Between 3500 and 5000 is the going price for well bred toy poodle pups right now here in the north east


----------



## Johanna (Jun 21, 2017)

twyla said:


> Between 3500 and 5000 is the going price for well bred toy poodle pups right now here in the north east


Wow, Twyla, that's really high. I think I'd consider making a road trip south to the Carolinas where prices are more reasonable.


----------



## twyla (Apr 28, 2010)

Johanna said:


> Wow, Twyla, that's really high. I think I'd consider making a road trip south to the Carolinas where prices are more reasonable.


That is what it is right now, not heading anywhere right now. Everything has gone up in cost here. Besides I won't be see my pup for at least a year, I want to meet the parents, meet the pups, so it has to within driving distance. Even if I was paying the high end it is nothing in comparison with what I was paying the last year of Beatrice's life $600 a month in medication and prescription food plus $3000 in tests so in comparison the pup would be cheap.


----------



## 94Magna_Tom (Feb 23, 2021)

I don't know what really happened between the two of you, so I'm not going to argue one way or another. Like I said, I have no experience with her as a breeder. I will state what I do know. I know she is very nice in person, her poodles are lovely, $4000 is reasonable for toy poodles in CT, and she is a fantastic groomer. Glad you found someone you like and I look forward to seeing you're baby in the future.


----------



## eileenbrown1022 (Jan 2, 2022)

Hello,
I am looking for a reputable toy breeder. someone, you know, who has a health guarentee and provides papers. i live in new hampshire but willing to travel within a reasonable distance. i keep getting scammed on facebook. i am on gooddog.com but the response has been really slow. i do already have a small toy poodle. please if you know of anyone please let me know. thank you!


----------



## Skylar (Jul 29, 2016)

Welcome. You have come to the right place. Others will be along with lots of resources and information to help you find a quality breeder.

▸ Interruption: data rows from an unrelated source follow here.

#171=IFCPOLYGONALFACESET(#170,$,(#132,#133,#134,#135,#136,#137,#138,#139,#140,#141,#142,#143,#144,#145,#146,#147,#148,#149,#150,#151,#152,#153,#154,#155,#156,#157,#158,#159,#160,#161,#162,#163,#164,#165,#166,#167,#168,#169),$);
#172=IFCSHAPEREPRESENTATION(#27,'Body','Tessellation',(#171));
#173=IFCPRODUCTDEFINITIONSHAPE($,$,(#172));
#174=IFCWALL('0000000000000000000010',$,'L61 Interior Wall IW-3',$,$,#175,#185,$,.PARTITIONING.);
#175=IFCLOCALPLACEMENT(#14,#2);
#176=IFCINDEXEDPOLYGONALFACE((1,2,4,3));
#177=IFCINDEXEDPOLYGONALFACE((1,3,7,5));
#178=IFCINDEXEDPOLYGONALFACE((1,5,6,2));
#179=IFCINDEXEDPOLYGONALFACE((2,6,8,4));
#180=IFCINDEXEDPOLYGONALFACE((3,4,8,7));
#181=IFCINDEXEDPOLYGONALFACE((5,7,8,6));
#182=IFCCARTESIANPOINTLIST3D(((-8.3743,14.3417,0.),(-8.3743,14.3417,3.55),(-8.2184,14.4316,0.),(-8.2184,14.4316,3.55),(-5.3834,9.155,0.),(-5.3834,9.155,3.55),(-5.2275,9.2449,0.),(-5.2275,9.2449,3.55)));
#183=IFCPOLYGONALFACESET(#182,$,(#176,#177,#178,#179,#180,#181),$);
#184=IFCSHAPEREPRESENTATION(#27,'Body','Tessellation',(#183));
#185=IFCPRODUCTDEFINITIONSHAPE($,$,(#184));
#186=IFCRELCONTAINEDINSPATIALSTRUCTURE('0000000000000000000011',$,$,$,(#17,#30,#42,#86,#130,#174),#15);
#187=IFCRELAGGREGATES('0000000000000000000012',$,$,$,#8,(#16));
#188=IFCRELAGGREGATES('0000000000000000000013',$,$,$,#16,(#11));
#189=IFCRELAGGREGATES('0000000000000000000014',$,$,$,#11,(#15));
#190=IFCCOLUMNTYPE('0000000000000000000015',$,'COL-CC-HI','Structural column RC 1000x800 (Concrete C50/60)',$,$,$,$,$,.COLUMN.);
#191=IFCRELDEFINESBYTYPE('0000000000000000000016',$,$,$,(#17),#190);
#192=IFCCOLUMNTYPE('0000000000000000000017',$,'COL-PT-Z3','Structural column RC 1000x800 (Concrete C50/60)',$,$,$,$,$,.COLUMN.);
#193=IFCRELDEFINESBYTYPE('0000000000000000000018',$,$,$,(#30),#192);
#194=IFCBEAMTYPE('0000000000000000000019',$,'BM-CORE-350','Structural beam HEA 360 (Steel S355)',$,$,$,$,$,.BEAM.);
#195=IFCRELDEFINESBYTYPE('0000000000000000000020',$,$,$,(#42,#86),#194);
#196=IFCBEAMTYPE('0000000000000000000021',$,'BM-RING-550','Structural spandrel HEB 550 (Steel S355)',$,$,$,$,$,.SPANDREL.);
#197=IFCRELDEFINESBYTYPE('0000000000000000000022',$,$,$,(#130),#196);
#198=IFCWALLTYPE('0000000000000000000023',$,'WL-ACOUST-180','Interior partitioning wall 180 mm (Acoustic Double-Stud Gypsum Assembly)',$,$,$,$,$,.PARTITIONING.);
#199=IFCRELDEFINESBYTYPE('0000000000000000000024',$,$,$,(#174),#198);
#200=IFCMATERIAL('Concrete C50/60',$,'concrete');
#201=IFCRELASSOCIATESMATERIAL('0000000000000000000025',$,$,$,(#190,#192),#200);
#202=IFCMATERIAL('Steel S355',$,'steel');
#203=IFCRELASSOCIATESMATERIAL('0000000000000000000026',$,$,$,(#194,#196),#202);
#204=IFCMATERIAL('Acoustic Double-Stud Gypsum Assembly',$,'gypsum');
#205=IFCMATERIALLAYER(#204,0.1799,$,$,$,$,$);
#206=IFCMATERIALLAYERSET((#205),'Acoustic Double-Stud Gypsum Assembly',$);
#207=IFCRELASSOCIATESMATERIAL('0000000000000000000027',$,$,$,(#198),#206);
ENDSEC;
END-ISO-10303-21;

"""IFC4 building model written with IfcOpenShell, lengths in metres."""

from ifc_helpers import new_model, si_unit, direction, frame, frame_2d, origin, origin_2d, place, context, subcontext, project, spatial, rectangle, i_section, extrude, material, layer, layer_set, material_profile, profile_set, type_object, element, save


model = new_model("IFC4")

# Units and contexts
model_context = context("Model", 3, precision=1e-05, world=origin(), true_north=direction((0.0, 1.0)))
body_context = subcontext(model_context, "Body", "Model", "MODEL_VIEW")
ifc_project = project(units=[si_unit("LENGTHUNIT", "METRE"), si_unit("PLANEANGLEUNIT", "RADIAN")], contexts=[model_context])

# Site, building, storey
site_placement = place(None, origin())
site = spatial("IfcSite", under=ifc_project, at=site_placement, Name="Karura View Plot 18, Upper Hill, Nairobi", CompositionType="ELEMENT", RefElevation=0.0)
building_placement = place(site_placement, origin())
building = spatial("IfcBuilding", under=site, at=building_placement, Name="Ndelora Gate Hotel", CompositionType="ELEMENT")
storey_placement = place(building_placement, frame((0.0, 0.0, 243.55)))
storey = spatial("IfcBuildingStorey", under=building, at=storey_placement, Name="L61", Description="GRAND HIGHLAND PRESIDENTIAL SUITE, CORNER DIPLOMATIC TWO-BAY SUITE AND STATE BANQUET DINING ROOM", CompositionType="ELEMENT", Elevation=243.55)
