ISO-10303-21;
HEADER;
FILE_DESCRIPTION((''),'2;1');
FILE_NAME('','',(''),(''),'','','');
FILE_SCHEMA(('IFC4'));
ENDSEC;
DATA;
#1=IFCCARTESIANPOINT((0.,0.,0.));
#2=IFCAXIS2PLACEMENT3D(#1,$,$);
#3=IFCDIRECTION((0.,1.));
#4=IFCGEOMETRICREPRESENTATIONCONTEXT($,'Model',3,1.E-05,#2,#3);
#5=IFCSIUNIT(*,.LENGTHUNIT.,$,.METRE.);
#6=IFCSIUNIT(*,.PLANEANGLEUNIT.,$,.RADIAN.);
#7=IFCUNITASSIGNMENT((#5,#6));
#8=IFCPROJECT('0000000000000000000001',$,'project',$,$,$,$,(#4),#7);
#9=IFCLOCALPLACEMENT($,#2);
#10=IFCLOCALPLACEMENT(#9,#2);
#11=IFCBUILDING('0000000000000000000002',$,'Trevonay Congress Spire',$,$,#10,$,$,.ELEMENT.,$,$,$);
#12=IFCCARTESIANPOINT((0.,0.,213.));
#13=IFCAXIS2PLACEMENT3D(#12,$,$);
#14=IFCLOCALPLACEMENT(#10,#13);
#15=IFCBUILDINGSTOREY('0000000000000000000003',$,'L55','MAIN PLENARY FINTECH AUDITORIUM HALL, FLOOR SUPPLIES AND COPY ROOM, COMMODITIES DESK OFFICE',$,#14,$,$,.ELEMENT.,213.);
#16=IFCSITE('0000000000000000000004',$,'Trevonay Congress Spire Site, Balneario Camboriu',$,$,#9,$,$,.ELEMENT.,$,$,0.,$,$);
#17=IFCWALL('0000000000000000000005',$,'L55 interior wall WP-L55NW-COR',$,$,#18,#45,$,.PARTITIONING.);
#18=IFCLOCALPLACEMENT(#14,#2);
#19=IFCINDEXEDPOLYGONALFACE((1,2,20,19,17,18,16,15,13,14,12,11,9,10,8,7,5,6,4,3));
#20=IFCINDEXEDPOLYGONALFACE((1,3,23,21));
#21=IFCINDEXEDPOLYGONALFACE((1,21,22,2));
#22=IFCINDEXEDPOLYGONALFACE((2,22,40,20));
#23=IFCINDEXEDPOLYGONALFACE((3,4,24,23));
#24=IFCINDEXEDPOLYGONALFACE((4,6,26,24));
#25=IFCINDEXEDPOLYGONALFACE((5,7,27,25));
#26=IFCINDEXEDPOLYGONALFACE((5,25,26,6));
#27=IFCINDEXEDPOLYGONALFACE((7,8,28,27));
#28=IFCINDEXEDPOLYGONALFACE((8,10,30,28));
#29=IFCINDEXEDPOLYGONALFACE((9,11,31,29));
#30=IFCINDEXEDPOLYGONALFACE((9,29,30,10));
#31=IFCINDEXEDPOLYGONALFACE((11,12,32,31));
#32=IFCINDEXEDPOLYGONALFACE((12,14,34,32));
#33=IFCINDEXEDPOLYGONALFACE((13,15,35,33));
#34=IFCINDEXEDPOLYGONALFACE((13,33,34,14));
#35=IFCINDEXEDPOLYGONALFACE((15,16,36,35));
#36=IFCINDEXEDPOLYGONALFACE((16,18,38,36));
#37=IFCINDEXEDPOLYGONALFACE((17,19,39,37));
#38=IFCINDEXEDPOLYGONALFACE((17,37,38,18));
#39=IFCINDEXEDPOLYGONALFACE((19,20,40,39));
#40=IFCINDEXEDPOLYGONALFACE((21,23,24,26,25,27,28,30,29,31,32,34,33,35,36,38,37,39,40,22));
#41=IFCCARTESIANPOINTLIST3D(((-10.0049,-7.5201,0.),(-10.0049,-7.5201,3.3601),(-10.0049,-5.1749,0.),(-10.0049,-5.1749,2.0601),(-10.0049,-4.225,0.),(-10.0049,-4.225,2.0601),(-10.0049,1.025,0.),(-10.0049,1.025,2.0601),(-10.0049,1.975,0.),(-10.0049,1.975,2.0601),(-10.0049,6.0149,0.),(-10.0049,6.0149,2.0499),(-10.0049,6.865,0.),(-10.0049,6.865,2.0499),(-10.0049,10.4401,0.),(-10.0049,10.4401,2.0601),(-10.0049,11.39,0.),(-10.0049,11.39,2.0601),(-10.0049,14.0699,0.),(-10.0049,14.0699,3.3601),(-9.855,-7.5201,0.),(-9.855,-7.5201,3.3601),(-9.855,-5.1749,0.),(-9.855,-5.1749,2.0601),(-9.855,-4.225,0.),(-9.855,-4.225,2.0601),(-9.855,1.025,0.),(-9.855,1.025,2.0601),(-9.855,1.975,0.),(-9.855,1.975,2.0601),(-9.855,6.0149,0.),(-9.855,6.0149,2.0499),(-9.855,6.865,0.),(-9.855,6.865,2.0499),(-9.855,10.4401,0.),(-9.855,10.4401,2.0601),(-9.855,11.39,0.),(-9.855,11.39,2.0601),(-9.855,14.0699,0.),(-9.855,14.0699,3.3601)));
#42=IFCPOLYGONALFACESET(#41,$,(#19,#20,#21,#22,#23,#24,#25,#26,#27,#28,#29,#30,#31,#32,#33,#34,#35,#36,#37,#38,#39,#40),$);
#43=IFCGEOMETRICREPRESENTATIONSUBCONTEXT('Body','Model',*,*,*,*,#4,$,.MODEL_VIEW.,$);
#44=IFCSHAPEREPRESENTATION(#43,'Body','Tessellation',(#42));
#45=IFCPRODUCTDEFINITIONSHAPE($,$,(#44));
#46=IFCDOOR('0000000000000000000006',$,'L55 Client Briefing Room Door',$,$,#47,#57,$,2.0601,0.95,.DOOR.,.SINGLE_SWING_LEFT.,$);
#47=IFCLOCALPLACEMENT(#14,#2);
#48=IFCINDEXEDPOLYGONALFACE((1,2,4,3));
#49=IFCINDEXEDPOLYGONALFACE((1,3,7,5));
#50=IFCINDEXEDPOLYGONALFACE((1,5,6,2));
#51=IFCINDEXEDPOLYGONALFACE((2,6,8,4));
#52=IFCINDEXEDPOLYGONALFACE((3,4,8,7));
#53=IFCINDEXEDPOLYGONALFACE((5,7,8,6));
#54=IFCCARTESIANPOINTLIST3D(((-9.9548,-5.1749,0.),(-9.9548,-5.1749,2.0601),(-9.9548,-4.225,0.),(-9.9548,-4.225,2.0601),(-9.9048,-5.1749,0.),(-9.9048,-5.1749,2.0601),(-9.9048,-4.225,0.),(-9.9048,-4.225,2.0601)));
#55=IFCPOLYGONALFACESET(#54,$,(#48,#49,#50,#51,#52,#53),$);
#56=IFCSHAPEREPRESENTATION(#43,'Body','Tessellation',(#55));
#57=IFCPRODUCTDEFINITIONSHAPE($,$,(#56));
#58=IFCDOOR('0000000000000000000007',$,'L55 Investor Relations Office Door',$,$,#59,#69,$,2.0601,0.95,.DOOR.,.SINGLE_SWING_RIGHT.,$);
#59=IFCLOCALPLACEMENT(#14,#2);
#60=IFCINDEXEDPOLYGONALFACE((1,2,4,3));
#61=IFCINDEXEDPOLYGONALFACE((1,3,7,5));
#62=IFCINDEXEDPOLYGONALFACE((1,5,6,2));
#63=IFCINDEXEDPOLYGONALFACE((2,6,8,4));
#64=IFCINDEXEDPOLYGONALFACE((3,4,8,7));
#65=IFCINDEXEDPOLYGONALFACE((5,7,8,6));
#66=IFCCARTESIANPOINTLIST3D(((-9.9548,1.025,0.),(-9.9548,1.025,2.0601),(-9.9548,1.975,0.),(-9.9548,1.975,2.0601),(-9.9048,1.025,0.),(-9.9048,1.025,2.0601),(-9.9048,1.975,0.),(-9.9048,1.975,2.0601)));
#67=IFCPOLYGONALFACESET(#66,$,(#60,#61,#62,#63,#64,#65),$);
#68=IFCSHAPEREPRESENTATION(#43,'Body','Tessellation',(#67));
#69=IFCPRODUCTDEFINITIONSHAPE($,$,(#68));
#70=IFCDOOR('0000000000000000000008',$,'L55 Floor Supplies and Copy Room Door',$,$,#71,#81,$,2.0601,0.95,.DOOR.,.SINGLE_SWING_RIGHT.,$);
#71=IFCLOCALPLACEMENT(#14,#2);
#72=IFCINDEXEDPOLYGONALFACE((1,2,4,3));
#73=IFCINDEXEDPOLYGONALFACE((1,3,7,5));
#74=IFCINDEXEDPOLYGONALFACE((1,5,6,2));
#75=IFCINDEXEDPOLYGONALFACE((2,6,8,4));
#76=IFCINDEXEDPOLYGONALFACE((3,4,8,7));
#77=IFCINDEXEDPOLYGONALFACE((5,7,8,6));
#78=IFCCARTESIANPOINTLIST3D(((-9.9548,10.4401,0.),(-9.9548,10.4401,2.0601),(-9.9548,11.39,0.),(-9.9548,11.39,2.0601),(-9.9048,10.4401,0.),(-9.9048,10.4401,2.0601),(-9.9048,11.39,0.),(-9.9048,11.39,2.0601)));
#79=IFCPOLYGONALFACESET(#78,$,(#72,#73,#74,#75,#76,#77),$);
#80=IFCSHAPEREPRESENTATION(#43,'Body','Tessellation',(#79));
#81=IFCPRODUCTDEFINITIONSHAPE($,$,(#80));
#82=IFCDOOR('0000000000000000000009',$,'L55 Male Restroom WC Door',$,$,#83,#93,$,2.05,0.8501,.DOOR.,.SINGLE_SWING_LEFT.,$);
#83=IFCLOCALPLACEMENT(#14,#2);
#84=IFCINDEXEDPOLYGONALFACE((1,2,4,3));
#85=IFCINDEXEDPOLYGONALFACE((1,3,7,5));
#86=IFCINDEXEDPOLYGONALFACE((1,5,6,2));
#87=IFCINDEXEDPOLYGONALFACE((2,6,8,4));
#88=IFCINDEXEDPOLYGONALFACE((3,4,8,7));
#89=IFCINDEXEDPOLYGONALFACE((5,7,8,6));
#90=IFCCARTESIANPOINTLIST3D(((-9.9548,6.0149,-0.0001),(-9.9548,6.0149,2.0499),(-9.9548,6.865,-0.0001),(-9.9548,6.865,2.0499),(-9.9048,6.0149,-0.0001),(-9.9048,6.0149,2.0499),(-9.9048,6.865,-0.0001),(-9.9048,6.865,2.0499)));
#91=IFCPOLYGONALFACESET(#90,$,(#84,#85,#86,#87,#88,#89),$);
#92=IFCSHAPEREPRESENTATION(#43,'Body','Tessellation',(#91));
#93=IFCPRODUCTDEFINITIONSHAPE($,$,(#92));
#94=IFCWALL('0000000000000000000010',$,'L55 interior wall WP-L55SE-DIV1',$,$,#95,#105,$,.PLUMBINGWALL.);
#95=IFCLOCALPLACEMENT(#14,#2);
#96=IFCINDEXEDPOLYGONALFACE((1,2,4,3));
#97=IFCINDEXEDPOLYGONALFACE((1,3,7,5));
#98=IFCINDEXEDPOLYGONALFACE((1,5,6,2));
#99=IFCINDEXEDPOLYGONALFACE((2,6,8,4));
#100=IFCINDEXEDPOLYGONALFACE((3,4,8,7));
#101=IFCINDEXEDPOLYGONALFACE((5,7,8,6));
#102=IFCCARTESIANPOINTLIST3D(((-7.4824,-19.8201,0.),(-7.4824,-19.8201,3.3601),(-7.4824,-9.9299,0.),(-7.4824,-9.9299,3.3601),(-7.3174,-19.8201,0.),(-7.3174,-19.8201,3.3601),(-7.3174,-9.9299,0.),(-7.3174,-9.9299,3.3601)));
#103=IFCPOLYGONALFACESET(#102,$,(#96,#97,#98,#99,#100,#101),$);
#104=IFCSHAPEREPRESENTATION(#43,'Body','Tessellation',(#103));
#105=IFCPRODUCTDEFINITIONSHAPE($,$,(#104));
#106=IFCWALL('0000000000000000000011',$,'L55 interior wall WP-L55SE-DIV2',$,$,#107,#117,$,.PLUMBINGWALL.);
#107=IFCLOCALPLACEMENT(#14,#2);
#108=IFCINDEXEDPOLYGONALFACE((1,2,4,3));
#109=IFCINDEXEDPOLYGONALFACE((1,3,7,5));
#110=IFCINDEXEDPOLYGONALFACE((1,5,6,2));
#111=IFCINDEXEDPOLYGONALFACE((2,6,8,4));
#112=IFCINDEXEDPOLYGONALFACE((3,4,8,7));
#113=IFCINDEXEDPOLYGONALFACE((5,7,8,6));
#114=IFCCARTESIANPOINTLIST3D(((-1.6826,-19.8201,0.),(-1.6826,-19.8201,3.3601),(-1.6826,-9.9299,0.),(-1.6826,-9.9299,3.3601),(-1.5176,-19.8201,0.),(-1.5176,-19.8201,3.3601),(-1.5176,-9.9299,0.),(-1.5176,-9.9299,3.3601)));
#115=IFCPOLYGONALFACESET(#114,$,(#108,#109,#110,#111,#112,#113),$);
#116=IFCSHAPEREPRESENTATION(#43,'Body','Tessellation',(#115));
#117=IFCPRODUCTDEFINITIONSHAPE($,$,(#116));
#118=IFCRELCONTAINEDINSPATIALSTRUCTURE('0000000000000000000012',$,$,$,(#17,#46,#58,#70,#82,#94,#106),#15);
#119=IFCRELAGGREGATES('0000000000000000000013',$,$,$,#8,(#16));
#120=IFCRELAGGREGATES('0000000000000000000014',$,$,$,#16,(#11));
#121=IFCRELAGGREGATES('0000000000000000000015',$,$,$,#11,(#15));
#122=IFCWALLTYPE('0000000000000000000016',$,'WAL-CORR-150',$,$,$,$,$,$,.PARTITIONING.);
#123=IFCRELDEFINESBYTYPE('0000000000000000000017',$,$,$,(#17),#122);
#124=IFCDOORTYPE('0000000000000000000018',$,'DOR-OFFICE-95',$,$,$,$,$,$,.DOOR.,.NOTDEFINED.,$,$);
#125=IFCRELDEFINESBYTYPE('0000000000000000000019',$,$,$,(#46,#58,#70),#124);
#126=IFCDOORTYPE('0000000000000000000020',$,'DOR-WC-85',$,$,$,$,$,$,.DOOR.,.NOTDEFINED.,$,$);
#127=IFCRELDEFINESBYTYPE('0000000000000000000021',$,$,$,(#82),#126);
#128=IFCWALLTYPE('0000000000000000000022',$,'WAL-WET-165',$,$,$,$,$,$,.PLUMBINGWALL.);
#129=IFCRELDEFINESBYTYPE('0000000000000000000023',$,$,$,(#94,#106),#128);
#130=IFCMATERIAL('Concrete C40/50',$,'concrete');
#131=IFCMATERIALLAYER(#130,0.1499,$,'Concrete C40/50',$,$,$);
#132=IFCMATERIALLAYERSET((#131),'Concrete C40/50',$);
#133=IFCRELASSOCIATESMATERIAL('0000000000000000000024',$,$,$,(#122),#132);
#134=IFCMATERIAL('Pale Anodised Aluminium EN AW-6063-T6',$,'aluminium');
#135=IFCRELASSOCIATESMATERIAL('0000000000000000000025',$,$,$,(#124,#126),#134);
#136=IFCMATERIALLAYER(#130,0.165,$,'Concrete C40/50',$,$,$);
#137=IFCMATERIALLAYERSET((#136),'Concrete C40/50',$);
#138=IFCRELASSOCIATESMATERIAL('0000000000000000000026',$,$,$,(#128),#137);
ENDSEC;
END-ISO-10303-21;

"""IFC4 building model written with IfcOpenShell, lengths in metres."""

from ifc_helpers import new_model, si_unit, direction, frame, frame_2d, origin, place, context, subcontext, project, spatial, rectangle, extrude, material, layer, layer_set, type_object, element, fill, save


model = new_model("IFC4")

# Units and contexts
model_context = context("Model", 3, precision=1e-05, world=origin(), true_north=direction((0.0, 1.0)))
body_context = subcontext(model_context, "Body", "Model", "MODEL_VIEW")
ifc_project = project(units=[si_unit("LENGTHUNIT", "METRE"), si_unit("PLANEANGLEUNIT", "RADIAN")], contexts=[model_context])

# Site, building, storey
site_placement = place(None, origin())
site = spatial("IfcSite", under=ifc_project, at=site_placement, Name="Trevonay Congress Spire Site, Balneario Camboriu", CompositionType="ELEMENT", RefElevation=0.0)
building_placement = place(site_placement, origin())
building = spatial("IfcBuilding", under=site, at=building_placement, Name="Trevonay Congress Spire", CompositionType="ELEMENT")
storey_placement = place(building_placement, frame((0.0, 0.0, 213.0)))
storey = spatial("IfcBuildingStorey", under=building, at=storey_placement, Name="L55", Description="MAIN PLENARY FINTECH AUDITORIUM HALL, FLOOR SUPPLIES AND COPY ROOM, COMMODITIES DESK OFFICE", CompositionType="ELEMENT", Elevation=213.0)

# Shared definitions
ifc_material_1 = material(Name="Pale Anodised Aluminium EN AW-6063-T6", Category="aluminium")

# Wall, openings, doors
ifc_material_2 = material(Name="Concrete C40/50", Category="concrete")
ifc_layer_1 = layer(ifc_material_2, 0.1499, Name="Concrete C40/50")
ifc_layer_set_1 = layer_set([ifc_layer_1], Name="Concrete C40/50")
wall_type_1 = type_object("IfcWallType", Name="WAL-CORR-150", PredefinedType="PARTITIONING", material=ifc_layer_set_1)
door_type_1 = type_object("IfcDoorType", Name="DOR-OFFICE-95", OperationType="NOTDEFINED", PredefinedType="DOOR", material=ifc_material_1)
door_type_2 = type_object("IfcDoorType", Name="DOR-WC-85", OperationType="NOTDEFINED", PredefinedType="DOOR", material=ifc_material_1)
wall_1_placement = place(storey_placement, frame((-9.9299, -7.52, 0.0), z_axis=(0.0, 0.0, 1.0), x_axis=(0.0, 1.0, 0.0)))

While there are a few good breeders on gooddog, most are not. You want the parents to have all the recommended health test done , they need to be older than 2 years old and to participate and title in dog sports, if not conformation then agility or obedience so you know they have good temperaments .


----------



## eileenbrown1022 (Jan 2, 2022)

thank you. i look forward to getting some responses and resources.


----------



## sjspiegel (Jan 3, 2022)

eileenbrown1022 said:


> Hello,
> I am looking for a reputable toy breeder. someone, you know, who has a health guarentee and provides papers. i live in new hampshire but willing to travel within a reasonable distance. i keep getting scammed on facebook. i am on gooddog.com but the response has been really slow. i do already have a small toy poodle. please if you know of anyone please let me know. thank you!


I


eileenbrown1022 said:


> thank you. i look forward to getting some responses and resources.


I would highly recommend KCPoodles of PA (Emmaus, PA). They have a large following on Facebook: Log into Facebook


----------



## Rose n Poos (Sep 22, 2017)

Hi and Welcome to PF!

I see that you already have one toy poodle and are looking for a reputable breeder for a second pup.
As you've already noticed, this isn't a simple thing.

I can't know how long it's been since you last researched poodle breeders but there is a lot more to know which may not have been available on your last search.

You mentioned health guarantee and papers specifically. Those are just tips of the iceberg. Before a health guarantee has much meaning, it needs to be backed by the Poodle Club of America's recommended testing, which is not simply DNA testing. There's a number of breeders out there who have learned the language to mimic a quality, conscientious breeder's practices without actually following them.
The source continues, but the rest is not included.